Martini et al. and Gussak et al. [105,106], closed the last decade of the twentieth century with two very extensive and accurate reviews. The first author emphasized the concealed organic substrate underlying the syndrome, and its depolarizing origin. Gussak (the unknown discoverer of short QT interval syndrome), insisted that “The available data suggest that the Brugada syndrome is a familial primary electrical disease caused by a defect in an ion channel gene, resulting in premature repolarization of some right ventricular epicardial sites”. Gussak however fairly but briefly admitted that a concealed structural heart disease could not be excluded.

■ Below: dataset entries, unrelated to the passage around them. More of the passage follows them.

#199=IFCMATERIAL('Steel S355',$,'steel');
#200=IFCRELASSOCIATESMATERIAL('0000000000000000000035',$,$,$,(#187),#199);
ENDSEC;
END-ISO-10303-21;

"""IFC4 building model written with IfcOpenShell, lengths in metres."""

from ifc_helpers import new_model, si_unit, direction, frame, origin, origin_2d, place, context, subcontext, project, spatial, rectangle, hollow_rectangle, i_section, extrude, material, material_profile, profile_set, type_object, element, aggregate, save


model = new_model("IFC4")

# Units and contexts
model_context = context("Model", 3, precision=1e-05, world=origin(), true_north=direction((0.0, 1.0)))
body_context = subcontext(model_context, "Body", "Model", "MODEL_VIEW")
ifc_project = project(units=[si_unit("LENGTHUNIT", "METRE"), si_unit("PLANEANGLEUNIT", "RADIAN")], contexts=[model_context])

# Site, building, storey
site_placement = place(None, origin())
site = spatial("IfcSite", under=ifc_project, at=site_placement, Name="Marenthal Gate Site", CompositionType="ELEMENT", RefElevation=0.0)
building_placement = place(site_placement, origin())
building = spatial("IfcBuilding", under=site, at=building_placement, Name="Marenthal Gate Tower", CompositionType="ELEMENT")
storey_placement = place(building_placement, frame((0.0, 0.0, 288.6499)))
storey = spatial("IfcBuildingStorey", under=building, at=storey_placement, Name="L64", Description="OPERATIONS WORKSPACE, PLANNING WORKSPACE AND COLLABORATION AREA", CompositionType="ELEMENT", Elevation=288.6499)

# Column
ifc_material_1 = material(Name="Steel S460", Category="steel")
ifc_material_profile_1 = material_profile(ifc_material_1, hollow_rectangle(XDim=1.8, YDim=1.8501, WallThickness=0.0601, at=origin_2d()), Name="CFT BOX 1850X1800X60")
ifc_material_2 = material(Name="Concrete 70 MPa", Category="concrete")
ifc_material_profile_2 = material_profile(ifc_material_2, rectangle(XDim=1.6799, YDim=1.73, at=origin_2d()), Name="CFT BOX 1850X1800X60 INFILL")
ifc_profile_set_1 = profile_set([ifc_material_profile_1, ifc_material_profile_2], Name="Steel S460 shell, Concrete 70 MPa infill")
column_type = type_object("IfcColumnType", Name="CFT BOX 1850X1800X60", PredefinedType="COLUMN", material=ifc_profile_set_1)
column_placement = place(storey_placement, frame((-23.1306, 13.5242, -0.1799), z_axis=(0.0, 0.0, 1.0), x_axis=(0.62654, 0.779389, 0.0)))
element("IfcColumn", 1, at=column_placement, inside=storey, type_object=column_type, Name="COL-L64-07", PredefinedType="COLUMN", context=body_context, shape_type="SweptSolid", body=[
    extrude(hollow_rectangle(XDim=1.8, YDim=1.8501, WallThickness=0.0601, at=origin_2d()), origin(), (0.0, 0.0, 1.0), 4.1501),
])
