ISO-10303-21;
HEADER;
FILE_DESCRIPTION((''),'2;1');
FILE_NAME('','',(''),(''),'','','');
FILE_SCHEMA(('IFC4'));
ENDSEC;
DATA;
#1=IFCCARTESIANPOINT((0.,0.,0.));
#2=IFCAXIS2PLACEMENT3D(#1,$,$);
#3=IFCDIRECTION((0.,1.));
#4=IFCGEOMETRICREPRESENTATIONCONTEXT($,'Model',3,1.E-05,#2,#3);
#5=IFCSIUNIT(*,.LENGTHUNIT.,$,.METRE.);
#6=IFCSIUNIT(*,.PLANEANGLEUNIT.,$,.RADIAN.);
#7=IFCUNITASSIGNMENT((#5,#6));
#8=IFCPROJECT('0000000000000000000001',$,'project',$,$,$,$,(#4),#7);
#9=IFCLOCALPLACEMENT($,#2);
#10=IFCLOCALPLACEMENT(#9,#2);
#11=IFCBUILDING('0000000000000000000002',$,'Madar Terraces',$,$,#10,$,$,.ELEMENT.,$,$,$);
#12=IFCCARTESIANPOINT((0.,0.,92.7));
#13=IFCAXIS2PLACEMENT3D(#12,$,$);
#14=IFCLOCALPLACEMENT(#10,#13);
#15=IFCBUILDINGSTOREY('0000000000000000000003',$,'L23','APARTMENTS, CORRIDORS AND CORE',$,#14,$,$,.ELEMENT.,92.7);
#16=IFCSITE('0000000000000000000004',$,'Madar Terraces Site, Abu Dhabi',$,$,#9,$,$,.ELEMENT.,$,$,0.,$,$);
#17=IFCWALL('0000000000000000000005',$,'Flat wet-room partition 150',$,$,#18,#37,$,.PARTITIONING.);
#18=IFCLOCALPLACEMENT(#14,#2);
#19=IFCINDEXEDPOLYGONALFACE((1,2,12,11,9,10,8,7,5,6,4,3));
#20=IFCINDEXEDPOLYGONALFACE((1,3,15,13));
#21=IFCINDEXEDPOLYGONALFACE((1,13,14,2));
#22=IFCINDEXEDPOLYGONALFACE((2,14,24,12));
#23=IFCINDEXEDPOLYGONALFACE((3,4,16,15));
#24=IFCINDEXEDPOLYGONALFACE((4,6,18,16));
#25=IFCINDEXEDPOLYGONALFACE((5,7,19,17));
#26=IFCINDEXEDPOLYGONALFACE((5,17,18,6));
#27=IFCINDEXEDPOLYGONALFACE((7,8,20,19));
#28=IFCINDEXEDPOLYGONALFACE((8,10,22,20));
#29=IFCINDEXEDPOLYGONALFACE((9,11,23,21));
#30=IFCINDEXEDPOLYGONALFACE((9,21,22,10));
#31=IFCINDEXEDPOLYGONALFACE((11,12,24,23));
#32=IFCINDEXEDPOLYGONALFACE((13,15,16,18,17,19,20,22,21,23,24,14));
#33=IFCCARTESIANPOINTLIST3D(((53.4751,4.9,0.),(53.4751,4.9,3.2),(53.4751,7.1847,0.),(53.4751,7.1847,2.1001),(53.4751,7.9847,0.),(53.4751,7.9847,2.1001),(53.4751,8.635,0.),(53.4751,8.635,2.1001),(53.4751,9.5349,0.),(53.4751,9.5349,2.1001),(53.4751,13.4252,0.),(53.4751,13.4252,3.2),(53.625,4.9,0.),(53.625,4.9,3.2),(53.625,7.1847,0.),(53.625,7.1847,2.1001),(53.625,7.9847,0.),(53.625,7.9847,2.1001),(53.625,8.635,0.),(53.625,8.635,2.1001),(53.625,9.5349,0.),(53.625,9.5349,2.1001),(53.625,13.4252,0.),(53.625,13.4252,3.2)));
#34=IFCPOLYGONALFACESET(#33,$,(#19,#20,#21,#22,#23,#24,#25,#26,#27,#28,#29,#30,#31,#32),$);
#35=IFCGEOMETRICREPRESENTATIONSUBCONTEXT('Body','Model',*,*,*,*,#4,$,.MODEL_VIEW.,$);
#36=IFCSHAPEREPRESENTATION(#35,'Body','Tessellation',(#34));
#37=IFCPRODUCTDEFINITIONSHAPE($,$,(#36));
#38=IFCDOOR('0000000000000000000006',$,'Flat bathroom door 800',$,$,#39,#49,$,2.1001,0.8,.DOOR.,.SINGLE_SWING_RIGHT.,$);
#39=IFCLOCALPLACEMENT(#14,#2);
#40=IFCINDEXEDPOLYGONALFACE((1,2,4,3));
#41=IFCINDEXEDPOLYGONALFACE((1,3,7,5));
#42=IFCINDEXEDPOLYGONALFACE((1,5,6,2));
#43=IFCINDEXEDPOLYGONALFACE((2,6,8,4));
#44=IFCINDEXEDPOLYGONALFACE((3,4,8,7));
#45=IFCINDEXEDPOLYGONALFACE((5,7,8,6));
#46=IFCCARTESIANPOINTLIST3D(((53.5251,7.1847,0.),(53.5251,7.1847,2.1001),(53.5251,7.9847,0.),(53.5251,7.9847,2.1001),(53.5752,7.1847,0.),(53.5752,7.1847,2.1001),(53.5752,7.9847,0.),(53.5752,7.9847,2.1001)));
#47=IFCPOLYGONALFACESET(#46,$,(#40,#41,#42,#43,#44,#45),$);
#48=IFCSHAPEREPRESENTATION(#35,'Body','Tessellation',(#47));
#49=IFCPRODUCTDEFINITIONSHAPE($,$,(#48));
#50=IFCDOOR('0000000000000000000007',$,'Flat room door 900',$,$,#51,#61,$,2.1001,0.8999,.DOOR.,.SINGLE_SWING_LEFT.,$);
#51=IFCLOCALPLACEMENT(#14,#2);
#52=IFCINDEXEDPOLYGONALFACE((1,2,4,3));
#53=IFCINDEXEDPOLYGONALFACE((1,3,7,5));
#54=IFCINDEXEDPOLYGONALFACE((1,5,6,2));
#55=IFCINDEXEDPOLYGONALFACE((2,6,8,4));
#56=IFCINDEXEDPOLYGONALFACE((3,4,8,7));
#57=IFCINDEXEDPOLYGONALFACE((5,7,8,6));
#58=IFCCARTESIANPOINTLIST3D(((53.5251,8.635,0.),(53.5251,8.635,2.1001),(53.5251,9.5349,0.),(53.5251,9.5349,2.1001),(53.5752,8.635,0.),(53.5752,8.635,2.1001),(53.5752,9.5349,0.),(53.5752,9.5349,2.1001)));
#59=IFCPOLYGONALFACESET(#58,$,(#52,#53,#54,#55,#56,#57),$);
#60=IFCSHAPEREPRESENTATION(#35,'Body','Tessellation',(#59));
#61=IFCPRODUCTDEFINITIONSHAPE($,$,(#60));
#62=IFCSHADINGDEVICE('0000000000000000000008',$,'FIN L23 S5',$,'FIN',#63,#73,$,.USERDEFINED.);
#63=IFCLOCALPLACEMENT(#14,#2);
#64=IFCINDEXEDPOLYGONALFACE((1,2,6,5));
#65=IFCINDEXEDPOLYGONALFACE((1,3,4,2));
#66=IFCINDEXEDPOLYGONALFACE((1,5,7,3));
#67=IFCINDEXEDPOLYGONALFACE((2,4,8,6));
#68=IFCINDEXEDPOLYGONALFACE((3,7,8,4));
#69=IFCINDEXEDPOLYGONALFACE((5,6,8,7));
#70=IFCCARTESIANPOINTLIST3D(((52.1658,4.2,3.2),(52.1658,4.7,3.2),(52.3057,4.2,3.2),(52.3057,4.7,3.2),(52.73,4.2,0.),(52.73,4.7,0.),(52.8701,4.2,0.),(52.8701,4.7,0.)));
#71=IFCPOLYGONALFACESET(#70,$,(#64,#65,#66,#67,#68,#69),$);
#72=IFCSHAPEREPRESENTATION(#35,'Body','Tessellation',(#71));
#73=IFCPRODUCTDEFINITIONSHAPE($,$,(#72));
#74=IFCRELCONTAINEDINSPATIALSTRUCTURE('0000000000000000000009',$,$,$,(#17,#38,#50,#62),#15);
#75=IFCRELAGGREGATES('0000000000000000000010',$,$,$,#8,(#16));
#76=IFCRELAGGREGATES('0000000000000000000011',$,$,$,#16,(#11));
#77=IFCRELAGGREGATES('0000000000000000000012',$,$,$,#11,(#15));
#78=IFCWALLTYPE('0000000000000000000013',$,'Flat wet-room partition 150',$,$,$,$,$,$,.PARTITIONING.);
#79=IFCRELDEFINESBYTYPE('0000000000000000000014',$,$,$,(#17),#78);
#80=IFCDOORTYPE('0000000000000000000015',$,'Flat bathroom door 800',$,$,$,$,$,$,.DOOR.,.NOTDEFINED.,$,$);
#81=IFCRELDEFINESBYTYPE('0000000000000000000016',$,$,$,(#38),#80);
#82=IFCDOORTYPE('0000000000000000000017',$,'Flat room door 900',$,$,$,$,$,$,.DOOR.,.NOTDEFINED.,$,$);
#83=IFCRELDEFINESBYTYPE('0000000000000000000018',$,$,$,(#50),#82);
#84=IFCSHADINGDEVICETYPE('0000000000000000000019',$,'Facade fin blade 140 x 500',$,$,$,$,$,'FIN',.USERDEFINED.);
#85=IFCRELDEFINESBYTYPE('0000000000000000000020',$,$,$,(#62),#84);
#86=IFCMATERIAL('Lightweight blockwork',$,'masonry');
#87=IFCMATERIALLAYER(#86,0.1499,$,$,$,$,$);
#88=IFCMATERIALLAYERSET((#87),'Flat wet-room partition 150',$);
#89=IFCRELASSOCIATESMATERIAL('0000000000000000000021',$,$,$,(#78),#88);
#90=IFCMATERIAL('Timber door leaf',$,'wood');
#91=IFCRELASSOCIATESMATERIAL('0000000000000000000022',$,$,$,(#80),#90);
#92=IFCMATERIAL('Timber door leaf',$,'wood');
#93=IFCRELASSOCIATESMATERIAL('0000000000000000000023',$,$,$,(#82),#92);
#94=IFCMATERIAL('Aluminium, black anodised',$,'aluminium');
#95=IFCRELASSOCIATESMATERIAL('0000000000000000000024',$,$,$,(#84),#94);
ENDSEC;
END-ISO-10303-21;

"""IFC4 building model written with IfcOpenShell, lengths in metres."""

from ifc_helpers import new_model, si_unit, direction, frame, frame_2d, origin, place, context, subcontext, project, spatial, polyline, rectangle, outline, extrude, material, layer, layer_set, type_object, element, fill, save


model = new_model("IFC4")

# Units and contexts
model_context = context("Model", 3, precision=1e-05, world=origin(), true_north=direction((0.0, 1.0)))
body_context = subcontext(model_context, "Body", "Model", "MODEL_VIEW")
ifc_project = project(units=[si_unit("LENGTHUNIT", "METRE"), si_unit("PLANEANGLEUNIT", "RADIAN")], contexts=[model_context])

# Site, building, storey
site_placement = place(None, origin())
site = spatial("IfcSite", under=ifc_project, at=site_placement, Name="Madar Terraces Site, Abu Dhabi", CompositionType="ELEMENT", RefElevation=0.0)
building_placement = place(site_placement, origin())
building = spatial("IfcBuilding", under=site, at=building_placement, Name="Madar Terraces", CompositionType="ELEMENT")
storey_placement = place(building_placement, frame((0.0, 0.0, 92.7)))
storey = spatial("IfcBuildingStorey", under=building, at=storey_placement, Name="L23", Description="APARTMENTS, CORRIDORS AND CORE", CompositionType="ELEMENT", Elevation=92.7)

# Shared definitions
ifc_material_1 = material(Name="Lightweight blockwork", Category="masonry")
ifc_layer_1 = layer(ifc_material_1, 0.1499)
ifc_layer_set_1 = layer_set([ifc_layer_1], Name="Flat wet-room partition 150")
wall_type_1 = type_object("IfcWallType", Name="Flat wet-room partition 150", PredefinedType="PARTITIONING", material=ifc_layer_set_1)

# Wall, openings, doors
wall_1_placement = place(storey_placement, frame((53.55, 4.8999, 0.0), z_axis=(0.0, 0.0, 1.0), x_axis=(0.0, 1.0, 0.0)))
wall_1 = element("IfcWall", 1, at=wall_1_placement, inside=storey, type_object=wall_type_1, Name="Flat wet-room partition 150", PredefinedType="PARTITIONING", context=body_context, shape_type="SweptSolid", body=[
    extrude(rectangle(XDim=8.5251, YDim=0.1499, at=frame_2d((4.2627, 0.0))), origin(), (0.0, 0.0, 1.0), 3.2),
])
opening_1_placement = place(wall_1_placement, frame((3.7351, 0.0, 0.0)))
opening_1 = element("IfcOpeningElement", 2, at=opening_1_placement, cuts=wall_1, PredefinedType="OPENING", context=body_context, shape_type="SweptSolid", body=[
    extrude(rectangle(XDim=0.8999, YDim=2.1001, at=frame_2d((0.45, 1.05))), frame((0.0, 0.085, 0.0), z_axis=(0.0, -1.0, 0.0), x_axis=(1.0, 0.0, 0.0)), (0.0, 0.0, 1.0), 0.1699),
])
opening_2_placement = place(wall_1_placement, frame((2.2849, 0.0, 0.0)))
opening_2 = element("IfcOpeningElement", 3, at=opening_2_placement, cuts=wall_1, PredefinedType="OPENING", context=body_context, shape_type="SweptSolid", body=[
    extrude(rectangle(XDim=0.8, YDim=2.1001, at=frame_2d((0.3999, 1.05))), frame((0.0, 0.085, 0.0), z_axis=(0.0, -1.0, 0.0), x_axis=(1.0, 0.0, 0.0)), (0.0, 0.0, 1.0), 0.1699),
])
ifc_material_2 = material(Name="Timber door leaf", Category="wood")
door_type_1 = type_object("IfcDoorType", Name="Flat bathroom door 800", OperationType="NOTDEFINED", PredefinedType="DOOR", material=ifc_material_2)
door_1_placement = place(opening_2_placement, origin())
door_1 = element("IfcDoor", 4, at=door_1_placement, inside=storey, type_object=door_type_1, Name="Flat bathroom door 800", OperationType="SINGLE_SWING_RIGHT", OverallHeight=2.1001, OverallWidth=0.8, PredefinedType="DOOR", context=body_context, shape_type="SweptSolid", body=[
    extrude(rectangle(XDim=0.8, YDim=2.1001, at=frame_2d((0.3999, 1.05))), frame((0.0, 0.0249, 0.0), z_axis=(0.0, -1.0, 0.0), x_axis=(1.0, 0.0, 0.0)), (0.0, 0.0, 1.0), 0.05),
])
fill(opening_2, door_1)
ifc_material_3 = material(Name="Timber door leaf", Category="wood")
door_type_2 = type_object("IfcDoorType", Name="Flat room door 900", OperationType="NOTDEFINED", PredefinedType="DOOR", material=ifc_material_3)
door_2_placement = place(opening_1_placement, origin())
door_2 = element("IfcDoor", 5, at=door_2_placement, inside=storey, type_object=door_type_2, Name="Flat room door 900", OperationType="SINGLE_SWING_LEFT", OverallHeight=2.1001, OverallWidth=0.8999, PredefinedType="DOOR", context=body_context, shape_type="SweptSolid", body=[
    extrude(rectangle(XDim=0.8999, YDim=2.1001, at=frame_2d((0.45, 1.05))), frame((0.0, 0.0249, 0.0), z_axis=(0.0, -1.0, 0.0), x_axis=(1.0, 0.0, 0.0)), (0.0, 0.0, 1.0), 0.05),
])
fill(opening_1, door_2)

# Shading device
ifc_material_4 = material(Name="Aluminium, black anodised", Category="aluminium")
shading_device_type = type_object("IfcShadingDeviceType", Name="Facade fin blade 140 x 500", ElementType="FIN", PredefinedType="USERDEFINED", material=ifc_material_4)
shading_device_placement = place(storey_placement, frame((52.73, 4.45, 0.0), z_axis=(0.0, 0.0, 1.0), x_axis=(1.0, 0.0, 0.0)))
element("IfcShadingDevice", 6, at=shading_device_placement, inside=storey, type_object=shading_device_type, Name="FIN L23 S5", ObjectType="FIN", PredefinedType="USERDEFINED", context=body_context, shape_type="SweptSolid", body=[
    extrude(outline(polyline([(0.0, 0.0), (0.1401, 0.0), (-0.4243, 3.2), (-0.5642, 3.2), (0.0, 0.0)])), frame((0.0, 0.25, 0.0), z_axis=(0.0, -1.0, 0.0), x_axis=(1.0, 0.0, 0.0)), (0.0, 0.0, 1.0), 0.5),
])

save(model, "model.ifc")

He also presented a list of different conditions that could induce a Type 1 pattern: the so called phenocopies, well described in the following decades by Baranchuk [107].

6. The New Century

Gussak [108] initiated the century with a new interesting topic: the similarities between the rare PERS and the frequent early repolarization of the inferior and lateral leads [23], that lately also became a syndrome (ERS) after the paper from Haissaguerre [109]. The author discussed the cellular bases of the two syndromes and the significance of the J wave, insisting on the role of ion channels and of different transmembrane action potentials in epicardium and endocardium but fairly admitting “that all of these proposed mechanisms remain to be shown in humans and that these hypotheses remain to be rigorously tested”. Later, these authorities confirmed the priority of depolarization also at the origin of the J wave syndrome [110]. Nowadays both BS and ERS are classified as J wave syndromes.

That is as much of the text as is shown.